Suppose that the mean value of interpupillary distance (the distance between the pupils of the left and right eyes) for adult males is \(65 \mathrm{~mm}\) and that the population standard deviation is \(5 \mathrm{~mm}\). a. If the distribution of interpupillary distance is normal and a random sample of \(n=25\) adult males is to be selected, what is the probability that the sample mean distance \(\bar{x}\) for these 25 will be between 64 and \(67 \mathrm{~mm}\) ? at least \(68 \mathrm{~mm}\) ? b. Suppose that a random sample of 100 adult males is to be obtained. Without assuming that interpupillary distance is normally distributed, what is the approximate probability that the sample mean distance will be between 64 and \(67 \mathrm{~mm}\) ? at least \(68 \mathrm{~mm} ?\)

Short Answer

Expert verified
The probability that the sample mean for the 25 adult males being between 64 and 67 mm is found by calculating Z scores and looking up the probabilities under a standard normal distribution.
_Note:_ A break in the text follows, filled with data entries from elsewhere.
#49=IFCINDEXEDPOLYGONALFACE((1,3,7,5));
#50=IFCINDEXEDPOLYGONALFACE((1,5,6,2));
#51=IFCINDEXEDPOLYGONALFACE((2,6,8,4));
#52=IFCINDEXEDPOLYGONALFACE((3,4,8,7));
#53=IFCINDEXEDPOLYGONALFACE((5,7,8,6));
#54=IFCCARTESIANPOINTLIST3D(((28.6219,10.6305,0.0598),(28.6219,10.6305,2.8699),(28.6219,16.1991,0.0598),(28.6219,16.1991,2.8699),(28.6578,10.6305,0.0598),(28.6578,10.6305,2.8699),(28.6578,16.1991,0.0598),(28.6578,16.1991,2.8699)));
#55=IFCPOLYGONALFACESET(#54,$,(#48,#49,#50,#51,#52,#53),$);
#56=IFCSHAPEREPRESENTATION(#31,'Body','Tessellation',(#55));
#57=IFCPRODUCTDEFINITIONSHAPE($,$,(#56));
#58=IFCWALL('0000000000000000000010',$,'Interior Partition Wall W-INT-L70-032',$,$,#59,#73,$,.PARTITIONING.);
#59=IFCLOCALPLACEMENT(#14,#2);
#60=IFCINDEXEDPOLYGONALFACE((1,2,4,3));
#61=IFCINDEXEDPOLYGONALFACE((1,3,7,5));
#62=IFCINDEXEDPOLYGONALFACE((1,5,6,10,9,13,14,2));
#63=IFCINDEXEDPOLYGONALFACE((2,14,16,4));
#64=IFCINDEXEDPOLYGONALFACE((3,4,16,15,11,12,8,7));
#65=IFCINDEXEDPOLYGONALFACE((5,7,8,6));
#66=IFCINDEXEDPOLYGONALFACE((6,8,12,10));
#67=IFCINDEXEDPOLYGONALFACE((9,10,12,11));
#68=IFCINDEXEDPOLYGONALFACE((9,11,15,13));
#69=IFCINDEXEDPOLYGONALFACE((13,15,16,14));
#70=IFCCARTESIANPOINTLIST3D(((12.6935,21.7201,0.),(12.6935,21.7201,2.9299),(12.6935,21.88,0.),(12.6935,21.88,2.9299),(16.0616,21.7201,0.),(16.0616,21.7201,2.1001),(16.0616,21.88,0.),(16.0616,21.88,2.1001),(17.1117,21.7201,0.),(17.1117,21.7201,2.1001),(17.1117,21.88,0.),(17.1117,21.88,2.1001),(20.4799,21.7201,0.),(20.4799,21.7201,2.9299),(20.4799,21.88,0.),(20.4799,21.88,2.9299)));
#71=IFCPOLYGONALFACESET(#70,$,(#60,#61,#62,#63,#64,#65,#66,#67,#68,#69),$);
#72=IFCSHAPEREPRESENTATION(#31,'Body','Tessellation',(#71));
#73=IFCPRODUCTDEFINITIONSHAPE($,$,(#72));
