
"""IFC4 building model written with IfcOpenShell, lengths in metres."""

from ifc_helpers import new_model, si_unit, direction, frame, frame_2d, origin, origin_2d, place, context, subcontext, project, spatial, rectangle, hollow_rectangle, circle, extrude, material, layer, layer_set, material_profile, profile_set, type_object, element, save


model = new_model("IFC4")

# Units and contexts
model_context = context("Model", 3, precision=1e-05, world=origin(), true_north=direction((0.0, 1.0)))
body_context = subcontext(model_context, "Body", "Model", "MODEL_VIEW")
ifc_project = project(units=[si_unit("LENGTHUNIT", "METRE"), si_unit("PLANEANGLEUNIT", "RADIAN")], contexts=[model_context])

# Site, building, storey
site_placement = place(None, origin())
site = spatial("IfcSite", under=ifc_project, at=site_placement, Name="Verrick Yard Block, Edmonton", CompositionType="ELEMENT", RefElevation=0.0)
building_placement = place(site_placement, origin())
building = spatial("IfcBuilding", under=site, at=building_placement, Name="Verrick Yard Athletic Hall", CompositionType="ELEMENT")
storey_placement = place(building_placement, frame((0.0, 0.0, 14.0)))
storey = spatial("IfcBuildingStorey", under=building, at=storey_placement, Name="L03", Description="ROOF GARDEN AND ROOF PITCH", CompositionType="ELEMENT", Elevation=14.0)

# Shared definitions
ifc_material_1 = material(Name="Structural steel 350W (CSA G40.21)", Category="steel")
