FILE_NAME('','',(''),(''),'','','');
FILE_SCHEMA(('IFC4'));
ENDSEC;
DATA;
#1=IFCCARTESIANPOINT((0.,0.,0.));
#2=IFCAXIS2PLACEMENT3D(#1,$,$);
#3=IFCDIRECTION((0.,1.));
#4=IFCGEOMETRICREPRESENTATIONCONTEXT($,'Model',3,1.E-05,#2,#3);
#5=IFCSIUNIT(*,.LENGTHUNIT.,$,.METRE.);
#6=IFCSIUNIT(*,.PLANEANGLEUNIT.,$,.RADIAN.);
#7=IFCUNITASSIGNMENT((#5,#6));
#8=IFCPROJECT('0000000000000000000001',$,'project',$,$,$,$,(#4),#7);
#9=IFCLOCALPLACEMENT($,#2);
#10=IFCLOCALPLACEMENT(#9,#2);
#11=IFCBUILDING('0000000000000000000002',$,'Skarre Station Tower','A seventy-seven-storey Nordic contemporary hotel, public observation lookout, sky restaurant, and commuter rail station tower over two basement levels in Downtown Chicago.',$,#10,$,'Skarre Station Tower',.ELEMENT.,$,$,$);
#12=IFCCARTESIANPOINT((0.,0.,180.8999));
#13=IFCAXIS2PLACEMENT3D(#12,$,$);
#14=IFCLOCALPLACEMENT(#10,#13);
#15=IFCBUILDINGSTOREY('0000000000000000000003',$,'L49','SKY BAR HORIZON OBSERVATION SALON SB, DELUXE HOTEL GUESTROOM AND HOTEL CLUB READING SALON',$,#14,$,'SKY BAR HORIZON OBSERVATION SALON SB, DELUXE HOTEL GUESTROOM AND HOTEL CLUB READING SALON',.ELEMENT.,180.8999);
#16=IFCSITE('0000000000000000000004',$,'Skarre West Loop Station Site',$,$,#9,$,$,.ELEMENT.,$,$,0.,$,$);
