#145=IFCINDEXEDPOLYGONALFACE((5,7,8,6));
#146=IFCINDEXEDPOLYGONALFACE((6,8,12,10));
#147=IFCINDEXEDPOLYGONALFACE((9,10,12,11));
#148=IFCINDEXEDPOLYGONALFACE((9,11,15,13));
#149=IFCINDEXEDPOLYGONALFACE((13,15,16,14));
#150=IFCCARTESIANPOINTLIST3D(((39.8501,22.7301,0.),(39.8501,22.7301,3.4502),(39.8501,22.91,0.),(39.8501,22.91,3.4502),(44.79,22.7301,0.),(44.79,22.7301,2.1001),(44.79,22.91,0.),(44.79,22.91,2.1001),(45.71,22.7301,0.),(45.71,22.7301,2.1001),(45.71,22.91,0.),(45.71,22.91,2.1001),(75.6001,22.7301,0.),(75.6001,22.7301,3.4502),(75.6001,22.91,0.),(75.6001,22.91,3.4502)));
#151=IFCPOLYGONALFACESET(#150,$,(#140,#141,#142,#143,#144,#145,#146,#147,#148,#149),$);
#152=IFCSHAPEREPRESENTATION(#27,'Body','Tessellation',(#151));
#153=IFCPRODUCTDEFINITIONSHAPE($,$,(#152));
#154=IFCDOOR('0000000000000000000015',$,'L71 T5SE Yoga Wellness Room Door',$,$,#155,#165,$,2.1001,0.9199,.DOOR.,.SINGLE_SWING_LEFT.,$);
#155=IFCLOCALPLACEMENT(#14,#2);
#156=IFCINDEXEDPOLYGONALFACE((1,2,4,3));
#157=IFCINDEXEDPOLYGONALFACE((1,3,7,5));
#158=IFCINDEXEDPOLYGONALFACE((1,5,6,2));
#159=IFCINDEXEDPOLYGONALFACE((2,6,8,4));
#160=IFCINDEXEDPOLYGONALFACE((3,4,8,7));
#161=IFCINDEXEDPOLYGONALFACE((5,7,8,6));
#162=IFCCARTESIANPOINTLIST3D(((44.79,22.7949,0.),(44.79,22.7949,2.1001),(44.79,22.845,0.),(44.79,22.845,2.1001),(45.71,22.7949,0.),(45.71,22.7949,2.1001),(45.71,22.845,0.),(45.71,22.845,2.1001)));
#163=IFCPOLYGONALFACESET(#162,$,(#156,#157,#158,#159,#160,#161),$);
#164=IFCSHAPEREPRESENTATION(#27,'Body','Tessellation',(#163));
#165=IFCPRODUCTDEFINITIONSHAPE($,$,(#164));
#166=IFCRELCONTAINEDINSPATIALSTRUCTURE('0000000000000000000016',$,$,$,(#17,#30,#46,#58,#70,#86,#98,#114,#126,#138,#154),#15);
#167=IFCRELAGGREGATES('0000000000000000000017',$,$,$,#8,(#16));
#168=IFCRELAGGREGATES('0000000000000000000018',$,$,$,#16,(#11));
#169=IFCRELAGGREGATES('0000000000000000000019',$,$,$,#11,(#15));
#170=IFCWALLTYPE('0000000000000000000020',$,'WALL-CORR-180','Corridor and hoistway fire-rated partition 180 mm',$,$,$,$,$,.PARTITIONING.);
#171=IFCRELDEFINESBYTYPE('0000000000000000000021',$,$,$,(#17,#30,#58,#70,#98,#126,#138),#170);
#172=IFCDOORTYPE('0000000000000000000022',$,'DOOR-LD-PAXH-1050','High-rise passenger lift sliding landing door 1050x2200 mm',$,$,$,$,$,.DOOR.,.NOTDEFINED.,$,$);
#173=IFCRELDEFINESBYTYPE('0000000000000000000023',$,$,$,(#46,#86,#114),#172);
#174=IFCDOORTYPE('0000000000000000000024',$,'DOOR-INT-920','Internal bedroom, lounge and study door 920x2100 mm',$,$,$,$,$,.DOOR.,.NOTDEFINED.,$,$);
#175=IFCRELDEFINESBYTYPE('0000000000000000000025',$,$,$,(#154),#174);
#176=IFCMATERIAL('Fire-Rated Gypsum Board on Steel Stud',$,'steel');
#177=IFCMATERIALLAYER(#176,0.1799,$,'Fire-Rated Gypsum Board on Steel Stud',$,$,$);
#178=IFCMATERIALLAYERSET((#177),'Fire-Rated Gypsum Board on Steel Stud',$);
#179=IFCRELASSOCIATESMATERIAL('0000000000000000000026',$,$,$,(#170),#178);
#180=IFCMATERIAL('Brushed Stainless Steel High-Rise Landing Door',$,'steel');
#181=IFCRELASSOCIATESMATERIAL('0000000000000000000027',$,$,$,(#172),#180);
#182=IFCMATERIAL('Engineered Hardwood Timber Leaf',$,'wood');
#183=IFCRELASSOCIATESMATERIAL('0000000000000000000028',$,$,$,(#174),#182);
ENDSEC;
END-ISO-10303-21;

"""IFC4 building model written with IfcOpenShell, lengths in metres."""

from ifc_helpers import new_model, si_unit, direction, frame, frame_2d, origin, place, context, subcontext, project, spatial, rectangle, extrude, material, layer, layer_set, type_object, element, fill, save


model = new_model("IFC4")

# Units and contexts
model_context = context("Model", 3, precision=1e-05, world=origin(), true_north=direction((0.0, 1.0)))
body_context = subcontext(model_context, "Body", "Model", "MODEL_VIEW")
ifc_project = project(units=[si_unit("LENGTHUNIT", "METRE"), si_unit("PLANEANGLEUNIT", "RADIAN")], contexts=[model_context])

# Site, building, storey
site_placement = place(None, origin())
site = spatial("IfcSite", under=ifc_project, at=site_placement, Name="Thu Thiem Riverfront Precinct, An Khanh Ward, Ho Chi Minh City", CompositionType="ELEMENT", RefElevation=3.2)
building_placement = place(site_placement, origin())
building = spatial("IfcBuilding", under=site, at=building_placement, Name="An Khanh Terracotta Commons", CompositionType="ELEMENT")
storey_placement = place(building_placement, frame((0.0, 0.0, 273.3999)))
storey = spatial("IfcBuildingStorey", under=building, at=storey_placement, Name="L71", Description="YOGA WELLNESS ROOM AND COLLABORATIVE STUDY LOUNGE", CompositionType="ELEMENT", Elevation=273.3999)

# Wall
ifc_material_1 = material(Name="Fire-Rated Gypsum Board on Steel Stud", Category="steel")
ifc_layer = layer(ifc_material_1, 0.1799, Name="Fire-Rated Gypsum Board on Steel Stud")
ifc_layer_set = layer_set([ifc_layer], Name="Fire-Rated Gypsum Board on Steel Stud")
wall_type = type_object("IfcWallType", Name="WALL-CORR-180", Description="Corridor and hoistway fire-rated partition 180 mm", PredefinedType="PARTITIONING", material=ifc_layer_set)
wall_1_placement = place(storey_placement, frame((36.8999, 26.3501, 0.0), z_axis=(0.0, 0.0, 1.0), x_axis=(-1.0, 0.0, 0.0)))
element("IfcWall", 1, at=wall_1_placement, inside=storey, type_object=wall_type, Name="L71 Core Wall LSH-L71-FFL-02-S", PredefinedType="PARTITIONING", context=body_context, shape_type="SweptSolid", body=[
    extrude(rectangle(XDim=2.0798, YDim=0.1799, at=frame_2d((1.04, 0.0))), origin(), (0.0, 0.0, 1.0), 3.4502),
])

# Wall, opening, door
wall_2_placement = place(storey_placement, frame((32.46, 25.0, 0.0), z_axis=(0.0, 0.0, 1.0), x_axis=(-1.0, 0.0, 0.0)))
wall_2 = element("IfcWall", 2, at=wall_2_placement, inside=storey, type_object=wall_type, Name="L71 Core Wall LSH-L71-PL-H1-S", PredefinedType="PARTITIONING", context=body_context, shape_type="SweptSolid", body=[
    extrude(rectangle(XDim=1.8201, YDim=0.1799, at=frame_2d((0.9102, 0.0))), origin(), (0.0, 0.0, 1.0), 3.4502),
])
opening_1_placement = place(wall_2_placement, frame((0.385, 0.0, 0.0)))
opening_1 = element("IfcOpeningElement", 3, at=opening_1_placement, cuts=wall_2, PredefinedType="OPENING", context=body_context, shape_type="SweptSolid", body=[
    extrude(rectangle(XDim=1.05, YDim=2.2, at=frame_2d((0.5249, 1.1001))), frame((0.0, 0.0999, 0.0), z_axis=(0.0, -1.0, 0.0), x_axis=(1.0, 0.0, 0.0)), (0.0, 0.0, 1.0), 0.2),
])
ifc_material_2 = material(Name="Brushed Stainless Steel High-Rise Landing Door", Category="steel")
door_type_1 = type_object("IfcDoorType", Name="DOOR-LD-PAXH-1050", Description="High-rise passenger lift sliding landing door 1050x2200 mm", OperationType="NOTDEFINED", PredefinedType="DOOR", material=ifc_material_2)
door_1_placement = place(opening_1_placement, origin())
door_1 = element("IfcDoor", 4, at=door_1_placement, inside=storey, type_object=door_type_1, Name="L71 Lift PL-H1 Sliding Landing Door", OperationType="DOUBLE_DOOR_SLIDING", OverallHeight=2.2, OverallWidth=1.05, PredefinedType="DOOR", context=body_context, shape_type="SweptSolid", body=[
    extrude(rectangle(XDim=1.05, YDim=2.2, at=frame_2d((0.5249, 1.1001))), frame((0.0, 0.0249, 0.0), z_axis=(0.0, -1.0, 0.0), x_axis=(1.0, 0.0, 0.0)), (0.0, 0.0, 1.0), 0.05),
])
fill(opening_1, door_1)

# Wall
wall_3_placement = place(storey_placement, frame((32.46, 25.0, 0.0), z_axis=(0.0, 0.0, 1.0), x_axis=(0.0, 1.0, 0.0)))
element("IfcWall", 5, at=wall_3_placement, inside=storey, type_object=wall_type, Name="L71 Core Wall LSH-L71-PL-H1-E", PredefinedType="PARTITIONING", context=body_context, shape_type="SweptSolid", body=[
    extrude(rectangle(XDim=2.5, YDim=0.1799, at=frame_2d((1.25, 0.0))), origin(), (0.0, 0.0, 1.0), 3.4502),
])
The same approach is used for 100 adult males, applying the Central Limit Theorem to assume a normal distribution.

Step by step solution

01

Calculate Standard Error for sample of 25

Standard error (SE), which is the standard deviation of a sample's distribution, can be calculated using the formula SE = \(\frac{\sigma}{\sqrt{n}}\), where \(\sigma\) is the population's standard deviation (5 mm) and n is the sample size (25). Substituting these values, SE = \(\frac{5}{\sqrt{25}}\) = 1 mm.
02

Calculate Z scores and find probability for a sample size of 25

Z score (Z) is given by the formula \( Z = \frac{x - \mu}{SE} \), where x is the desired sample mean, \(\mu\) is the population mean (65 mm) and SE is the standard error (1 mm as calculated in Step 1). To find the probability of the sample mean being between 64 and 67 mm, we have to find the Z scores for these values and refer the resultant Z scores to the standard normal distribution table. Doing this, we have \( Z_1 = \frac{64 - 65}{1} = -1 \) and \( Z_2 = \frac{67 - 65}{1} = 2 \). Looking up these Z scores in the standard normal distribution table will give the required probabilities.
03

Calculate Standard Error for sample of 100

Still using the standard error formula from step 1, but with a new sample size of 100, we have SE = \(\frac{\sigma}{\sqrt{n}}\) = \(\frac{5}{\sqrt{100}}\) = 0.5 mm.
04

Calculate Z scores and find probability for a sample size of 100

Once again, calculate the Z scores by substituting the values into the Z score formula and lookup the scores in the standard normal distribution table. This time, the standard error calculated in step 3 is used. Similar to step 2, calculate the Z scores with x being 64 mm and 67 mm respectively. The results can then be looked up in the standard normal distribution table to get the probabilities.
05

Extra: Calculation for 'at least 68 mm'

For these parts of the question, it is noted that 'at least 68 mm' implies that the sample mean must be 68 mm or more, which means looking up the Z scores in the upper tail (right-hand side) of the standard normal distribution. The steps are similar except the probability retrieved from the standard normal table must be subtracted from one, as we are looking for the greater probability.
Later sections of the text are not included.